Récemment les bruits faisant état d'un nouvel abandon du trône par le Roi Vampire gagnaient en sonorité. Dans toutes les bouches on parlait d'une manière ou d'une autre de l'étrange torpeur qui avait gagné Château-Rouge, puis Spelunca. Lentement, au fil des journées, tous avaient -avec une pointe de soulagement- oublié comment décrire précisément leur suzerain. Saint Sobek de Spelunca... si on le lui demandait, là maintenant, elle dirait qu'il était une figure sombre, informe, aux yeux rouges. Et... c'est tout. Pourtant, Maribelle Heinken officiait en tant que femme à tout faire pour le château depuis sa fondation il y a de cela deux ans, des latrines aux cuisines aucun recoin n'avait de secret pour elle. Sauf... l'aile à la porte rouge.
Cette extension à l'est, qui courait le long d'un précipice vers la Lune, formellement interdite à qui n'y était pas convié. Bien sûr, les ragots allaient bon train sur l'endroit ; là-bas c'était certes les quartiers du Roi, mais ça n'excluait pas d'autres choses moins conventionnelles. Phillipe le cocher racontait qu'une fois il y avait croisé deux favorites en laisse et harnais, dirigées par un gentilhomme qui les faisait franchir la porte rouge.
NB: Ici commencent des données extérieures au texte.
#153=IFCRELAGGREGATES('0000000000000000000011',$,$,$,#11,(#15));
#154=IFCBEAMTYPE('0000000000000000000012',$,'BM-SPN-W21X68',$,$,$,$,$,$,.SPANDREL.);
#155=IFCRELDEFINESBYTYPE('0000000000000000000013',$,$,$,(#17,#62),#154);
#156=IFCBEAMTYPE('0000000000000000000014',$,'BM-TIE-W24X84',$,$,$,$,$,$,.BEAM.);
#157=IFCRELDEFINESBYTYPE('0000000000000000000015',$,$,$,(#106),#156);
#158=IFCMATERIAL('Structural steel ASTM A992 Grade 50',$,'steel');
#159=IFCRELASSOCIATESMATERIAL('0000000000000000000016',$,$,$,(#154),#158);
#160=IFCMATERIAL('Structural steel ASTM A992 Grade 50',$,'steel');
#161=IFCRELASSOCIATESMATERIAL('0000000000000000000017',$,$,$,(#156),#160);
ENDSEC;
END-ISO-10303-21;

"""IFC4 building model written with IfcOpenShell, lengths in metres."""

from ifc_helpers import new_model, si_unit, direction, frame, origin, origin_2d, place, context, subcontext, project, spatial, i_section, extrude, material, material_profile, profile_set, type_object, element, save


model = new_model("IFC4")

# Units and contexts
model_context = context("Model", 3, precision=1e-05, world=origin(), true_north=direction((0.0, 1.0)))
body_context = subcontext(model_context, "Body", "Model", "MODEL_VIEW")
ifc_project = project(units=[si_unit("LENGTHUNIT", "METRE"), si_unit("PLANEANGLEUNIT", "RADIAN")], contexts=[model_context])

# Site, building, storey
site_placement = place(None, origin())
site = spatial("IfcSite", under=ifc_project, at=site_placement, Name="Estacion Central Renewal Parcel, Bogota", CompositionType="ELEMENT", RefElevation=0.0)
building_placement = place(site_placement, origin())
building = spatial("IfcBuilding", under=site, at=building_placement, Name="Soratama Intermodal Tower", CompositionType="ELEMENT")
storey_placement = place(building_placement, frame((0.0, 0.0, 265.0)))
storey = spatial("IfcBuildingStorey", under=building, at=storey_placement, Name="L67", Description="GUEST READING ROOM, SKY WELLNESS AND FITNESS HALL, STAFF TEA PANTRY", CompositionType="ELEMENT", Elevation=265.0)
Elizabeth la plus vieille cuisinière disait que l'endroit lui glaçait le sang et que plusieurs fois, comme elle déposait à l'entrée de l'aile ouest de la viande crue par sceaux, quelque chose rampait et projetait des ombres grotesques au sol. Emile, aujourd'hui disparu, avait un jour scruté la serrure dans un élan espiègle propice à son adolescence ; il était devenu livide, et le lendemain abandonnait ses fonctions.
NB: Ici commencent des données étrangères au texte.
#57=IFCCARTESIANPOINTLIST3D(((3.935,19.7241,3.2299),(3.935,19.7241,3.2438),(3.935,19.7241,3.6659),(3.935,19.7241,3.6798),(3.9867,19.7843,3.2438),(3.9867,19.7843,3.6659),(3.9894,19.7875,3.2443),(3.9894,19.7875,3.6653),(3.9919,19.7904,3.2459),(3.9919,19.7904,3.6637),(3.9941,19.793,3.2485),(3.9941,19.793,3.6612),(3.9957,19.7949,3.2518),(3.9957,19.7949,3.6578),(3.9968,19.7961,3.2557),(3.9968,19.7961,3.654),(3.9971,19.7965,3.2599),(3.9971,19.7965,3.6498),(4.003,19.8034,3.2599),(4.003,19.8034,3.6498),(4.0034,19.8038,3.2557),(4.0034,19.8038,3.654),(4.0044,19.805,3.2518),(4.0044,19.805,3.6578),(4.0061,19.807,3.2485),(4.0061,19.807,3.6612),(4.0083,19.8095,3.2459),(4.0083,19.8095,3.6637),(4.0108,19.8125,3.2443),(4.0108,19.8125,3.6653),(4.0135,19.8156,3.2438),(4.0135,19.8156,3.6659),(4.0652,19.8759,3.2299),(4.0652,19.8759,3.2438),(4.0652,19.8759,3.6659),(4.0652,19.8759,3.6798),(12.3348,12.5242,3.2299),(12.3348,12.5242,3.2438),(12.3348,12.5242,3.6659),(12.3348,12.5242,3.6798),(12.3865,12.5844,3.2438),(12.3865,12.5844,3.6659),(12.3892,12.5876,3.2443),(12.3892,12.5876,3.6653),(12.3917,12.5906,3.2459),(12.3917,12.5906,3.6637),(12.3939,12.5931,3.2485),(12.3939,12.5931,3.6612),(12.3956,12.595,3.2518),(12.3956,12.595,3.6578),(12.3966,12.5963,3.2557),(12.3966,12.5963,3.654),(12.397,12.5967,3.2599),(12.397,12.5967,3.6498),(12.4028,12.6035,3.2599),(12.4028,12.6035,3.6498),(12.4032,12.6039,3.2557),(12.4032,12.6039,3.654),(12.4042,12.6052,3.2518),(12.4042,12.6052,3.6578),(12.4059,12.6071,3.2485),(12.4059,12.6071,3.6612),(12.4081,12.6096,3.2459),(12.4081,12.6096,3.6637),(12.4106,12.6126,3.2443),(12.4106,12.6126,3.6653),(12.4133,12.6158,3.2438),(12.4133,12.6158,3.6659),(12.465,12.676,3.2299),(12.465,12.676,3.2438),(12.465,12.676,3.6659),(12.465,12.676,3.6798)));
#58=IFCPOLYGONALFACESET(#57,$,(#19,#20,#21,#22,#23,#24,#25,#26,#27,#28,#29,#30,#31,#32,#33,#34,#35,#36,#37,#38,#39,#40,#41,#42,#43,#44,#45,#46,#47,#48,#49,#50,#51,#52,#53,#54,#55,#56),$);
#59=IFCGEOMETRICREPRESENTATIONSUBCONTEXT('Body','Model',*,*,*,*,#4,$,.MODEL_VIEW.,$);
Au fond Maribelle détestait cet endroit, car plusieurs fois des objets qu'elle laissait quelque part se retrouvaient ailleurs sans qu'on y touche, et, comme elle s'agenouillait pour récurer carreaux et mobilier, elle avait parfois senti un souffle rauque et affamé lui guetter la nuque. Plus depuis qu'on apercevait plus Saint Sobek Elpoemer Grey.
Mais le silence qui régnait dans les couloirs du château était d'autant plus intimidant. Désormais, c'était toujours la boule au ventre qu'elle arpentait les voûtes de pierre volcanique, et lorsqu'elle devait changer des bougies, elle revenait toujours à la salle des servants en pressant le pas. Aussi incroyable que cela puisse paraître, elle se considérait comme chanceuse : au dehors du bourg de Château-Rouge, la situation était bien pire que de supposées fantômes dans une vieille bâtisse. Ce qui en Dùralas était courant.
Dans les villes qui s'étaient développées grâce et autour de la capitale vampire, l'absence d'un monarque laissait les autorités démunies face aux demandes de subvention, et certains litiges avaient refait surface. Terres mal délimitées, bétail malade et pauvres récoltes ne trouvaient plus réponse en la Salle du trône et les autorités, les Frelons de Spelunca tout d'or et noir armurés s'étaient accaparé les pouvoirs de décider qui méritait compensation et qui trouverait châtiment par l'épée sans payer ses taxes. Peu à peu, aussi lentement qu'ils oubliaient collectivement l'apparence de leur Régent, un voile de folie se déposait sur chaque parcelle de Spelunca.
On faisait état de pauvreté, maladies, et famines chez les plus pauvres, tandis que ceux qui jusqu'ici prospéraient commençaient à marchander leurs biens acquis durant la période de gloire qui avait suivi l'unification du Massif. Aussi, le commerce d'alcaloïdes, une drogue connue sous le nom de "poudre Speluncienne" explosait : importée par des groupuscules dérivés de la Congrégation de l'Ombre, elle s'était répandue tout d'abord comme consommation fêtarde. Puis elle aussi avait doucement dérivé vers une échappatoire au climat anxiogène jusqu'à devenir la reine incontestée des trottoirs Spelunciens.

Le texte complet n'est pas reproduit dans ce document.